Thursday, January 20, 2011

Reece Rushing: President Obama outlines vision for regulation

  President Obama yesterday issued a new executive order and several other directives to help ensure that regulation is cost-effective, evidence-based, and transparent to the public. He announced his plan in a Wall Street Journal op-ed.

  This effort mirrors recommendations provided by the Center for American Progress. It also draws a useful contrast to congressional conservatives who are taking aim at new safeguards to protect public health, safety, the environment, and the country’s economic well-being.

  The president notes that smart regulation has helped make the country stronger, citing child labor laws, the Clean Air Act, and protections against hidden credit card fees. The financial meltdown of 2008 and the BP oil spill show what can happen when we lack adequate regulatory oversight. “Where necessary, we won’t shy away from addressing obvious gaps: new safety rules for infant formula; procedures to stop preventable infections in hospitals; efforts to target chronic violators of workplace safety laws,” Obama writes.

  At the same time, the federal government should make sure that it does not impose unnecessary burdens on business. Regulations that are duplicative, outdated, or ineffective should be removed. And new regulation should only be adopted if the public need is clear. President Obama’s directives seek to strike the right balance so that we maximize regulatory benefits and minimize the costs.

  The new executive order asks agencies to submit plans for reviewing existing regulations “to determine whether any such regulations should be modified, streamlined, expanded, or repealed.” Agencies must also base new regulation on “the open exchange of information and perspectives” of those outside the federal government, including private-sector stakeholders and the general public, and coordinate with each other to integrate and simplify their regulatory requirements. The Center for American Progress, at the beginning of the Obama administration, offered recommendations for a new executive order along these lines.

  Accompanying the executive order, President Obama also issued two memoranda to federal agencies—one on reducing burdens to small business and another on disclosing information on regulatory compliance. The small business memo instructs agencies to make special considerations for small business to reduce regulatory burdens. This largely repeats the requirements of the Regulatory Flexibility Act of 1980, which requires agencies to analyze the effects of new regulation on small business.

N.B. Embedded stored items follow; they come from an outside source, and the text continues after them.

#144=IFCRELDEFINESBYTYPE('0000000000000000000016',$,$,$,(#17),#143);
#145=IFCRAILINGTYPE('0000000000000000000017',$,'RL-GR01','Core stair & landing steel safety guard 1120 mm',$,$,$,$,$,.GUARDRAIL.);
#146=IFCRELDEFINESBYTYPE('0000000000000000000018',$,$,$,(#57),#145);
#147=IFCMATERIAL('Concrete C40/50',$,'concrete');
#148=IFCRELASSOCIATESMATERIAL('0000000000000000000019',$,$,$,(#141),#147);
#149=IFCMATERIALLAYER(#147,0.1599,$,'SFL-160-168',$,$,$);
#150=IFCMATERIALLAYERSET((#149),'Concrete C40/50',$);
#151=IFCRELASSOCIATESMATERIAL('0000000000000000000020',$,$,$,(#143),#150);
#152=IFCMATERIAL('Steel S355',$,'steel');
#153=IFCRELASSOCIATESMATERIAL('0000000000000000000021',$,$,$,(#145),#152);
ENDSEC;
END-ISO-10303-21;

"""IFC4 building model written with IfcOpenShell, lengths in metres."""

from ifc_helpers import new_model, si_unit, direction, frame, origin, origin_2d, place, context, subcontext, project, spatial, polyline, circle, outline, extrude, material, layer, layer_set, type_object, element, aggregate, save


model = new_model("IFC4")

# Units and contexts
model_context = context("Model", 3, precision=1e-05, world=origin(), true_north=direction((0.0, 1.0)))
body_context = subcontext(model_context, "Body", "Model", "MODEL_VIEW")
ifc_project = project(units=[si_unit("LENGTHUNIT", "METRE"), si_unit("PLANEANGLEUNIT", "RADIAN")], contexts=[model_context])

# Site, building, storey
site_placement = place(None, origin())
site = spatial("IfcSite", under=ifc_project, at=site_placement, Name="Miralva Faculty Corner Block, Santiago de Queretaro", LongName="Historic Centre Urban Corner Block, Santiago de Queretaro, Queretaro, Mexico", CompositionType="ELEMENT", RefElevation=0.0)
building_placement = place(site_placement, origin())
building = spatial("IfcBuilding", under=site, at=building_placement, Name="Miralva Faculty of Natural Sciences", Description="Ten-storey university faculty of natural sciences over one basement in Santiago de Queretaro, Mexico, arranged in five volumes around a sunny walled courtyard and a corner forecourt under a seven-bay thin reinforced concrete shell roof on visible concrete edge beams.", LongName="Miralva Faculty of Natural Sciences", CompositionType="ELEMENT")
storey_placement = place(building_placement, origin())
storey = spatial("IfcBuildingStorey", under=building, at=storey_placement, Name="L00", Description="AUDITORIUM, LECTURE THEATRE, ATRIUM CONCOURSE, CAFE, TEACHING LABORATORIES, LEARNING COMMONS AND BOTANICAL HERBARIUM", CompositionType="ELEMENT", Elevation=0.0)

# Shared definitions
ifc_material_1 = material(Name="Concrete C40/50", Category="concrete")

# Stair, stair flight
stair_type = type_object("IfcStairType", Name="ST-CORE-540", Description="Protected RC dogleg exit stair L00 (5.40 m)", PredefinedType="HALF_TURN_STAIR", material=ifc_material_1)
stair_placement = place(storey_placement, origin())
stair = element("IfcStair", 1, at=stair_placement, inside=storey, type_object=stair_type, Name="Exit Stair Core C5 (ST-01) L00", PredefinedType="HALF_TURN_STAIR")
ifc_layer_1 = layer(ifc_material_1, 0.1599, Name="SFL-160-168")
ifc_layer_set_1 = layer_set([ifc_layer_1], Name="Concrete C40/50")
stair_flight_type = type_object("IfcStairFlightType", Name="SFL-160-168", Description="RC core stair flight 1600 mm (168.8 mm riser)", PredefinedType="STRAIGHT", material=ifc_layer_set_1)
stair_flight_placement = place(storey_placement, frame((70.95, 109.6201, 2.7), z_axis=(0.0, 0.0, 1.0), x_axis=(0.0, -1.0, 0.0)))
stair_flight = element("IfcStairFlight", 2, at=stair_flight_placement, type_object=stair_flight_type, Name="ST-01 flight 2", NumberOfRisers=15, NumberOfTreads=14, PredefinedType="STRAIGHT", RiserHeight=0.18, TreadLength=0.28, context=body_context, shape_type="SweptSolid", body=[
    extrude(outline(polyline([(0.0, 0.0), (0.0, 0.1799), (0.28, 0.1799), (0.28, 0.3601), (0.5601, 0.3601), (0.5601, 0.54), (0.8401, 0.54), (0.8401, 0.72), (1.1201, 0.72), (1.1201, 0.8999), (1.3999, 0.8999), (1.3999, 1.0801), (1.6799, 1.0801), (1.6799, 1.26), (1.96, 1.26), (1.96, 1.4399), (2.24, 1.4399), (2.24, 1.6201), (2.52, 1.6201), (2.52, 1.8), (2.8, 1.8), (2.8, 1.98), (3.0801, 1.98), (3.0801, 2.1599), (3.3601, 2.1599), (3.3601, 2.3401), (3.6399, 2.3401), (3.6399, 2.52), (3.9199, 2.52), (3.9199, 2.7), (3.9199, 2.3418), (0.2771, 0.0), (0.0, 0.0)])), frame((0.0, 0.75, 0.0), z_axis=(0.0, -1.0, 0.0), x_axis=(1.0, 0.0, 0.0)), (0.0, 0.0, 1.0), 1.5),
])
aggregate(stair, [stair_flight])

  The other memo instructs agencies to make information on enforcement actions, such as warnings and citations, “accessible, downloadable, and searchable online.” Plans for doing this must be developed within 120 days. Several agencies, including the Department of Labor and the Environmental Protection Agency, already provide enforcement information through searchable websites. This sort of information can be used to hold both the government and the private sector accountable—to ensure that laws are being enforced and observed. American Progress has also recommended similar data-driven efforts.

  The president’s Wall Street Journal op-ed comes as congressional Republicans prepare for battle. Republicans have talked about using the little-used Congressional Review Act to vote down Obama administration regulations. And they are sure to try to block funding for implementing specific regulations. Prime targets include regulations to implement health care and financial reform legislation, as well as regulations to promote clean energy.

  This is a “no regulation” agenda. It assumes an infallible market no matter the evidence. Indeed, even the collapse of our financial system is not enough to convince Republicans that their anything-goes economic policies are demonstrably dangerous. President Obama offers a different vision: Regulation is sometimes necessary to safeguard the American people. Failure to act in these cases can lead to catastrophic consequences. But we also must take care to minimize burdens on business. If we do this well, we will grow the economy, create jobs, and build a healthier, safer society.

  About the author: Reece Rushing is director of government reform at the Center for American Progress.

  This article was published by the Center for American Progress.